March 26th, 2007

I look for moments of engagement in art and life. Art makes connections. It is a tool. It is a weapon. It makes the strange familiar and the familiar strange. Both [art and the martial arts] are about occupying and negotiating space, moving through it, with an awareness of how you affect the world around you, moving with intent and ethical responsibility. – Harmony Hammond

As I read this statement by a woman who has steadfastly dedicated her life to art and feminism, the thread of my life's work begins to weave its way into a larger fabric.

Engagement in Art and Life.

Art makes connections. That is what I have been working towards for a lifetime in every medium, with every effort. Connections between the dark and the light, between the distant and the far, the real, the magical and the imaginable. Sometimes with whimsy; sometimes deeply sorrowful, frightened or angry. Always reaching. Sometimes ignorant but not intentionally irresponsible. That Quaker sense of unity and commonality saturates my pores and synapses and truly guides me.

I was speaking with an artist (who's not from our neck of the woods) the other day about the Brandon Artist Guild's "Reigning Cats & Dogs" project. They commented on my commitment to such efforts as if it surprised them. It would be excruciatingly unnatural for me to not pitch in.

The days and weeks and hours and hours that I have spent on community art projects… pigs, birdhouses, rockers, trains, palettes… what a strange way to give away your time… In the photo on the right I am putting fiberglass wings onto my new bird dog… I'll spend days on it getting it JUST RIGHT, and then off it goes to who knows where. Below on the left is Moonlight Equinox express on the Spring Equinox side, the 5 x 6 foot train I made last year for the Rutland Arts project.

One wonders why… where does the energy for that sort of thing come from. Undoubtedly there is a remnant of childhood sibling rivalry; of competition… and a basic sense of familial responsibility. It's all about wanting, needing and giving love.

Molly Cantor, a wonderful clay artist/potter and friend was just visiting with Judith Reilly, a fabric artist with a spiritual intensity that lies just beneath the surface of her whimsical work. Both are ferociously intelligent women.
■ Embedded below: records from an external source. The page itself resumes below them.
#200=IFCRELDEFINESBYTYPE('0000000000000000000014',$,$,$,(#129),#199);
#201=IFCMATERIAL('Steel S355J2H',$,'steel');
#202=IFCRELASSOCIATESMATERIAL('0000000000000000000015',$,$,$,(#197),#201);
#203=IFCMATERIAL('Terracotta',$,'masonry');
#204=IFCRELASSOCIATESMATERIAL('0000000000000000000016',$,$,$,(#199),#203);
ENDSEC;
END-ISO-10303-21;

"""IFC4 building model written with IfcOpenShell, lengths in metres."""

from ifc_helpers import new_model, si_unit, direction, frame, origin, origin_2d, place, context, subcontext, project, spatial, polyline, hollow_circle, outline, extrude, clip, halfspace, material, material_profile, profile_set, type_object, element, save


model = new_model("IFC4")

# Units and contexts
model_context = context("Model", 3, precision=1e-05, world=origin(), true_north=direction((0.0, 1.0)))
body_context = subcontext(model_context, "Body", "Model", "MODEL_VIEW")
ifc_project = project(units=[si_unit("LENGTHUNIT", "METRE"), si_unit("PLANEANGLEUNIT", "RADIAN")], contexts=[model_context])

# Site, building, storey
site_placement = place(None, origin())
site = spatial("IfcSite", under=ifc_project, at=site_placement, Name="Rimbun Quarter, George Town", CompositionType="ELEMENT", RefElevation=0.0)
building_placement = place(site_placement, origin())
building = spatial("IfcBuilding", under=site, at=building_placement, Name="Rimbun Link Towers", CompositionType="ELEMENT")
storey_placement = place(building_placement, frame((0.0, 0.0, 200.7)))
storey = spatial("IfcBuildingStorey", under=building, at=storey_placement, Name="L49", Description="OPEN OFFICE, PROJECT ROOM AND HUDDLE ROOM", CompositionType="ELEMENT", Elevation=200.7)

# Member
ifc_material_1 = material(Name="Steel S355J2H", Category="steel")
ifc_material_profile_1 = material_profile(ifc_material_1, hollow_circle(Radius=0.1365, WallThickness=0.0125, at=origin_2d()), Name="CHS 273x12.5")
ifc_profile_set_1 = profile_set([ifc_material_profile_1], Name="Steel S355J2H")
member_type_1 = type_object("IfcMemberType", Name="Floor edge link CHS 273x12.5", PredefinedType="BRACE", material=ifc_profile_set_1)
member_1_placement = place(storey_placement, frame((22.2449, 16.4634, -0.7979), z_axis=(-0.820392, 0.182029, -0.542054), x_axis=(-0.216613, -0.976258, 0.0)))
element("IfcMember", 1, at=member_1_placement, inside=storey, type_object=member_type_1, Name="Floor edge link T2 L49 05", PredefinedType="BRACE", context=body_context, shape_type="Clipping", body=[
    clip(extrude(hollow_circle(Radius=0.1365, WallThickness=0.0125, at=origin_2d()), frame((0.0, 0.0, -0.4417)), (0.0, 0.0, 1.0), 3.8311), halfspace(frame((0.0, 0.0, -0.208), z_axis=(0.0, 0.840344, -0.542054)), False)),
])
They were discussing the "meaning of a chair."

Why is there a chair?

Support, and comfort.

Why is there a paper clip?

Organization and control.

Why? A question often left unasked in the rush of the day to day.

So I ask, Why is there art?

Communication and mystery.

Communication of the mysteries.

Coming from a family of scientists and PhD's it's hard to be the artist, to follow these threads. So easy to just be snared in this realm of the real world, the world of shadows.

Mountain nest is almost done. It is beginning to have a glow and a sense of dimension and depth that draws the viewer in. A few more details to add in the foreground, to bring it down to earth. It's darned big. 6' x 3'… every change takes a lot of adjustment.